= Nasal valve collapse =

Condition of the structure of the nose
Nasal valve collapse is a condition where airflow through the nose is restricted due to the narrowing or collapse of the nasal valves. Obstruction through the nasal valves can be classified as static or dynamic. Static obstruction results from a structural narrowing of the valve.  Dynamic obstruction is the collapse of a weak nasal valve due to pressure differences. Diagnosis is based on clinical examination and the specialized Cottle maneuver. Management can include conservative treatment, but most patients are referred for surgery.

== Anatomy and Physiology ==
Mink first described nasal valves in 1903 as a region in the nasal vestibule bound by the septum medially and the limen nasi laterally. As time went on, it was discovered that there were two valves.

The internal nasal valve is formed by the nasal septum (medial), lower edge of upper lateral cartilage (lateral), and inferior turbinate (inferior). It is the narrowest part of the nasal airway, and therefore, in most people, it is responsible for the most resistance to airflow.

The external nasal valve, also known as the entry point of the nasal airway, is formed by the columella and medial footplate (medial), the alar rim (lateral), and posterior internal nasal valve. The external nasal valve is the section of the lateral wall of the nose that collapses with forced inspiration.

== Classification and Pathophysiology ==
Nasal valve obstruction can be either static or dynamic, with dynamic obstruction directly correlating with nasal valve collapse. Static obstruction is the narrowing of the angle between the upper nasal septum and the lateral walls of the nasal valves, it does not always involve collapsing of the lateral walls. This most commonly occurs due to structural abnormalities such as a deviated septum or scarring from previous surgery.

Dynamic obstruction typically occurs when the external nasal valve is flexible or weakened. During inspiration, the pressure difference between the inside and outside of the nasal passage causes the valve to collapse. Another name for dynamic obstruction is lateral nasal wall insufficiency. As inspiratory pressure increases with inspiration, the lateral wall of the external nasal valve can collapse if it is too weak, due to Bernoulli's principle.

The lateral nasal wall often becomes thinner with age, leading to a weaker external nasal valve. Weakness or dysfunction of the nasal muscles can cause a decrease in the lateral nasal wall tension, which can cause dynamic collapse of the external nasal valve. Nasal surgical procedures, such as rhinoplasty and septoplasty, along with nasal trauma, can also be predisposing factors to nasal valve collapse.

== Diagnosis ==
Nasal valve collapse is diagnosed clinically with examination by a medical provider. The clinician will first observe the shape of the nose at rest and with forced inspiration. If the lower lateral cartilage collapses, an external nasal valve collapse or obstruction is likely.

The modified Cottle maneuver is now widely used and is done using a tool to either stabilize the lateral nasal wall or lateralize it, push the wall more lateral than it should be. If airflow improves simply by stabilizing the nasal wall, it is likely due to dynamic external valve collapse. If airflow improves only when the nasal wall is pushed even more laterally, it’s likely a static valve collapse.

It is important to remember that static and dynamic obstructions can often coexist in patients, so it is important to determine exactly where the collapse occurs and look for any nasal deformities or pathologic obstructions. Nasal endoscopy may be performed to evaluate structural contributors such as septal deviation or turbinate hypertrophy.

Computed tomography (CT) is not able to measure dynamic collapse and is therefore unhelpful for nasal valve collapse, but can be used to diagnose other nasal pathologies.

== Management ==
Nasal valve collapse can be managed with non-surgical or surgical interventions.
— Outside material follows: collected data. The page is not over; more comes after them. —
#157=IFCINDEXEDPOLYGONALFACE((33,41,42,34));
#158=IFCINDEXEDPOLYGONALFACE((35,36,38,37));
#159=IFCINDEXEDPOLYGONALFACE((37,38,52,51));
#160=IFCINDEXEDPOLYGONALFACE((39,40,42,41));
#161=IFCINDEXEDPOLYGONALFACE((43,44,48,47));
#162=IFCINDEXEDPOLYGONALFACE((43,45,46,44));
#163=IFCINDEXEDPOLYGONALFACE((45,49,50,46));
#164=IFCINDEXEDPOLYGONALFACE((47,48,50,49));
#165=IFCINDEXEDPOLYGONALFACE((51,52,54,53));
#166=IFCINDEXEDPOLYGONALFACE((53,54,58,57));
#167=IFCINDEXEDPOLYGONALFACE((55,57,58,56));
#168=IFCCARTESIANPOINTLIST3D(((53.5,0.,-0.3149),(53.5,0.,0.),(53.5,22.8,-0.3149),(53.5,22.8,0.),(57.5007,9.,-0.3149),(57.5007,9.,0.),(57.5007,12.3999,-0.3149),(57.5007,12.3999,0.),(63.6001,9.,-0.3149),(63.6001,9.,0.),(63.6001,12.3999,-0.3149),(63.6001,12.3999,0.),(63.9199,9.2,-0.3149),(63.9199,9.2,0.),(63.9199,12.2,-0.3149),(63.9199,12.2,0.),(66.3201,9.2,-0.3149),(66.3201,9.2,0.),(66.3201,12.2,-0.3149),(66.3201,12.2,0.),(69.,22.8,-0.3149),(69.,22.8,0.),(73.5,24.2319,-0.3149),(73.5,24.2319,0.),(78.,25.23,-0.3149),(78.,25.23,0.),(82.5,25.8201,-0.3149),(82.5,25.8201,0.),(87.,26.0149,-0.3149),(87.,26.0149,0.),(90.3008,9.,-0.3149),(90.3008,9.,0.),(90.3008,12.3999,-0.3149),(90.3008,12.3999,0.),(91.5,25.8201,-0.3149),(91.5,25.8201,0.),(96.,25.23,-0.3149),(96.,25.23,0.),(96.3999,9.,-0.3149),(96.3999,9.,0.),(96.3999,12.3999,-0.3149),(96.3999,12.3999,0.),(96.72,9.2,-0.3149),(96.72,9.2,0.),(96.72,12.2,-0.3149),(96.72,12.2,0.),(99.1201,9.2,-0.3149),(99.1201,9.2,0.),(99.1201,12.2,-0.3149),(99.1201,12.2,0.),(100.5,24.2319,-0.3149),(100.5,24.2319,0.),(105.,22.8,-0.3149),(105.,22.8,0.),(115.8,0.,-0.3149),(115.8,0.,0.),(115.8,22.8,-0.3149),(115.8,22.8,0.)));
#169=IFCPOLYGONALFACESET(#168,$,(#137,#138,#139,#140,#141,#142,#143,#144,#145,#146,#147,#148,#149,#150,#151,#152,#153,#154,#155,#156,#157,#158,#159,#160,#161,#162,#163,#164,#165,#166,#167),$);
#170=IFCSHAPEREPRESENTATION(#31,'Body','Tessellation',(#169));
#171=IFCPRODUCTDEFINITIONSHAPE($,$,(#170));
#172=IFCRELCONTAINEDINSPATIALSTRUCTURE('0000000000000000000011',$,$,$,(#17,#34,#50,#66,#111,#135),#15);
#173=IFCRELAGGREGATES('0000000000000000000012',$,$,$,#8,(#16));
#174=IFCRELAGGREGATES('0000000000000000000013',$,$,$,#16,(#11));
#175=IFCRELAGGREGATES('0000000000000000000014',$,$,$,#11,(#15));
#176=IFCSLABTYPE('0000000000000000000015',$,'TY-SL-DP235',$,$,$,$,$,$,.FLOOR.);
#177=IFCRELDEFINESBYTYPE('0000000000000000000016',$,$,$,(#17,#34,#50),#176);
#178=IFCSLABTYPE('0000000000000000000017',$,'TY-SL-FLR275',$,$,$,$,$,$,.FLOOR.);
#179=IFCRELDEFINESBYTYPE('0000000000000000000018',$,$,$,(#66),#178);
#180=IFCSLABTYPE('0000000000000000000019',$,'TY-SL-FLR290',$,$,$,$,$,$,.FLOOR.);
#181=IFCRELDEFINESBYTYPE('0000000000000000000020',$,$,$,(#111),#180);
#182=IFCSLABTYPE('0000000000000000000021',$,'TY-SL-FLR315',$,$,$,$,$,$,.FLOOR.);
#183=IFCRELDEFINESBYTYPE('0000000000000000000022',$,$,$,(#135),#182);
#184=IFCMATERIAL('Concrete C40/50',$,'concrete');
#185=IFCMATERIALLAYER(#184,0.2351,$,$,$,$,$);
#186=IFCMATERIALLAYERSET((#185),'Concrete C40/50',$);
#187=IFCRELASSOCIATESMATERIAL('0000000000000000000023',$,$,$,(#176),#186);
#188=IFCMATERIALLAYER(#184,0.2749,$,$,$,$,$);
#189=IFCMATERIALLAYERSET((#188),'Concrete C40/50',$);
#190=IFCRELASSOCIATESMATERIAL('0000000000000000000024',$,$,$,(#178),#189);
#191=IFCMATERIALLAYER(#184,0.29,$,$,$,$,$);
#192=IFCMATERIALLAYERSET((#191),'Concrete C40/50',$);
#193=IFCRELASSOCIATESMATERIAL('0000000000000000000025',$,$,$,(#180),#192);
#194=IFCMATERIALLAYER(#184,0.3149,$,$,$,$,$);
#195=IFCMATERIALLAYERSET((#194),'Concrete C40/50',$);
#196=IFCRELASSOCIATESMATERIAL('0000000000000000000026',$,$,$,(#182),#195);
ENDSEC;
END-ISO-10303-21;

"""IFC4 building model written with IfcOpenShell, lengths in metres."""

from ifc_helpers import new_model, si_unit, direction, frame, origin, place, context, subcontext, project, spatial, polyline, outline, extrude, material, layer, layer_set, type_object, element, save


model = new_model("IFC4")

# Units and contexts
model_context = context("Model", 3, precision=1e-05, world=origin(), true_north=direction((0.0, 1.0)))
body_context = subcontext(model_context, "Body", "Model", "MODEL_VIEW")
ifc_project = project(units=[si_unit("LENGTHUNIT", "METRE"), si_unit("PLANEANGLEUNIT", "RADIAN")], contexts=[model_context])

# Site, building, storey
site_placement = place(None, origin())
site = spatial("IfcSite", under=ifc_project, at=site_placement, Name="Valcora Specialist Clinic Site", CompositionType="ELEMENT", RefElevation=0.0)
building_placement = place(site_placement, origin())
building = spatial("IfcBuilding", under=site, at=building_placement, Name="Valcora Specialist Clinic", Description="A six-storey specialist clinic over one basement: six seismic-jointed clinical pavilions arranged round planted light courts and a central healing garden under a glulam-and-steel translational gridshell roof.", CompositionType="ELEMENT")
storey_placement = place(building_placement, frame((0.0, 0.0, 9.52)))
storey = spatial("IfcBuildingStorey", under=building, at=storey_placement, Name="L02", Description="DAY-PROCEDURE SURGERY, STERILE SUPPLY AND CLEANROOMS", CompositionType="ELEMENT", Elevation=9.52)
Non-surgical interventions include internal and external nasal dilators. Both options are noninvasive and available over the counter. External nasal dilators, more commonly called nasal strips, will stick to the outside of the nose to expand the internal nasal valve. Internal nasal dilators are inserted into the nasal passage to support both the internal nasal valve and external nasal valve.

Most patients with nasal valve collapse are sent for surgical referral and many undergo surgery because more conservative measures do not provide enough relief. The surgeon will then choose the procedure based on the location and classification of the nasal valve dysfunction. Most surgical techniques for external nasal valve collapse will aim to stabilize the lateral wall of the nose while also widening the dome of the nose.

In some cases, surgically treating causes of static nasal obstruction can be enough to treat the external nasal valve collapse without surgically supporting the lateral nasal wall as well.

More non-invasive treatments, such as the bioabsorbable nasal implants Latera and bipolar radiofrequency device Aerin have both shown promising results in treating nasal valve collapse, but more studies with larger patient populations are still needed to show how beneficial they are.